Bei Markus steht aber "R0", es ist daher gut möglich, dass der PSA Anstieg von einer Metastase kommt. Dann wäre die Bestrahlung der Prostataloge nutzlos. Wieder dem "Ersten Rat" entnommen ein Zitat aus der Leitlinie: "Der medizinische Nutzen einer zusätzlichen Bestrahlung der Lymphabflusswege ist derzeit nicht eindeutig erwiesen."

Ich glaube bei Markus ist die Entscheidung nicht einfach.

Georg

----------


## WernerE

Hallo Georg,

die Entscheidung wird wirklich schwer sein.
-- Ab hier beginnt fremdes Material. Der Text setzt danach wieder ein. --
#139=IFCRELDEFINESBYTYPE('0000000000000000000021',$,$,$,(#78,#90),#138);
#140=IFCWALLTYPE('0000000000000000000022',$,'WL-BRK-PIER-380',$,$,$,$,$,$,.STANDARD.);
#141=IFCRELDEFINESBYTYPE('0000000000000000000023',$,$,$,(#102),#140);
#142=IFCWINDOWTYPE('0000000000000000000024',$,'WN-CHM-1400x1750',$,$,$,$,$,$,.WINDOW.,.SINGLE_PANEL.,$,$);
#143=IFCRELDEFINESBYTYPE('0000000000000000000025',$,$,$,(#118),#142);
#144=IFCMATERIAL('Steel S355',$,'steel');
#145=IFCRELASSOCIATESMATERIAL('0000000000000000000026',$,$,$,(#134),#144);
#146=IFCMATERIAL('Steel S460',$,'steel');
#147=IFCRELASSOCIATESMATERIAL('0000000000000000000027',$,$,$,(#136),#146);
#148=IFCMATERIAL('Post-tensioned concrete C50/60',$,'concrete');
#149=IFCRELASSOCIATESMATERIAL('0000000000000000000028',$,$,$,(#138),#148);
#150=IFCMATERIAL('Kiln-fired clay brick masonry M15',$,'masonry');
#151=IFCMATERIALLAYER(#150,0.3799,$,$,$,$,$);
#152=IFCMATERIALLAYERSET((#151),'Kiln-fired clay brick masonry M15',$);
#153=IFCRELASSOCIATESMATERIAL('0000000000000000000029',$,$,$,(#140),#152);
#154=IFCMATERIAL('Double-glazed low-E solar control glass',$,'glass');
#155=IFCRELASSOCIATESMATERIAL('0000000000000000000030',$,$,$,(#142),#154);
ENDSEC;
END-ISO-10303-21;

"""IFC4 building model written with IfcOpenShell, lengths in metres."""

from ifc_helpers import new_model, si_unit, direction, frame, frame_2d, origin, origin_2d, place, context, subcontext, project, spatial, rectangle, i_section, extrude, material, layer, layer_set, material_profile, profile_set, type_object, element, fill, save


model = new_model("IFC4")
Aber vielleicht hilft ja gerade an der Stelle die PSMA-PET-CT, in dem sie (mit Glück) zeigt, wo sich das Rezidiv befindet.

Viele Grüße

WernerE

----------


## Levil13

Hallo,
Heute habe ich das Ergebnis des PSMA PET CT bekommen. 
Keine Auffälligkeiten!!
Na ja, ein Versuch war es wert.
Ich muss auch sagen, dass ich zwischenzeitlich die größten Horrorvisionen bezüglich der Auswertung der Bilder hatte, dass ich als ich das Ergebnis bekam erleichtert auf dem Patientenstuhl zusammen sank .
Aber nun ist die Angst gewichen und es wird mir klar, dass nun nur noch die Bestrahlung auf Verdacht als Option bleibt.
Die Chance, ich habe keine Ahnung wie hoch sie in meinem Fall ist, kann ich mir nicht entgehen lassen.

Gruß Markus

----------


## Harald_1933

> Hallo,
> Heute habe ich das Ergebnis des PSMA PET CT bekommen. 
> Keine Auffälligkeiten!!
> Na ja, ein Versuch war es wert.
> Ich muss auch sagen, dass ich zwischenzeitlich die größten Horrorvisionen bezüglich der Auswertung der Bilder hatte, dass ich als ich das Ergebnis bekam erleichtert auf dem Patientenstuhl zusammen sank .
> Aber nun ist die Angst gewichen und es wird mir klar, dass nun nur noch die Bestrahlung auf Verdacht als Option bleibt.
> Die Chance, ich habe keine Ahnung wie hoch sie in meinem Fall ist, kann ich mir nicht entgehen lassen.
> 
> Gruß Markus


Moin Markus,

obwohl noch im jugendlichen Alter von 46 Jahren würde ich an Deiner Stelle zunächst noch eine Weile den Patientenstuhl mit einem eher geruhsamen Schaukelstuhl tauschen. Eile scheint nach den im Profil ersichtlichen Daten noch nicht angebracht. Keine Auffälligkeiten im PSMA-PET/CT bedeutet zwar nicht, dass da nichts ist; aber weiter PSA messen, sollte beim Abgleich aller Daten zunächst ausreichend sein. 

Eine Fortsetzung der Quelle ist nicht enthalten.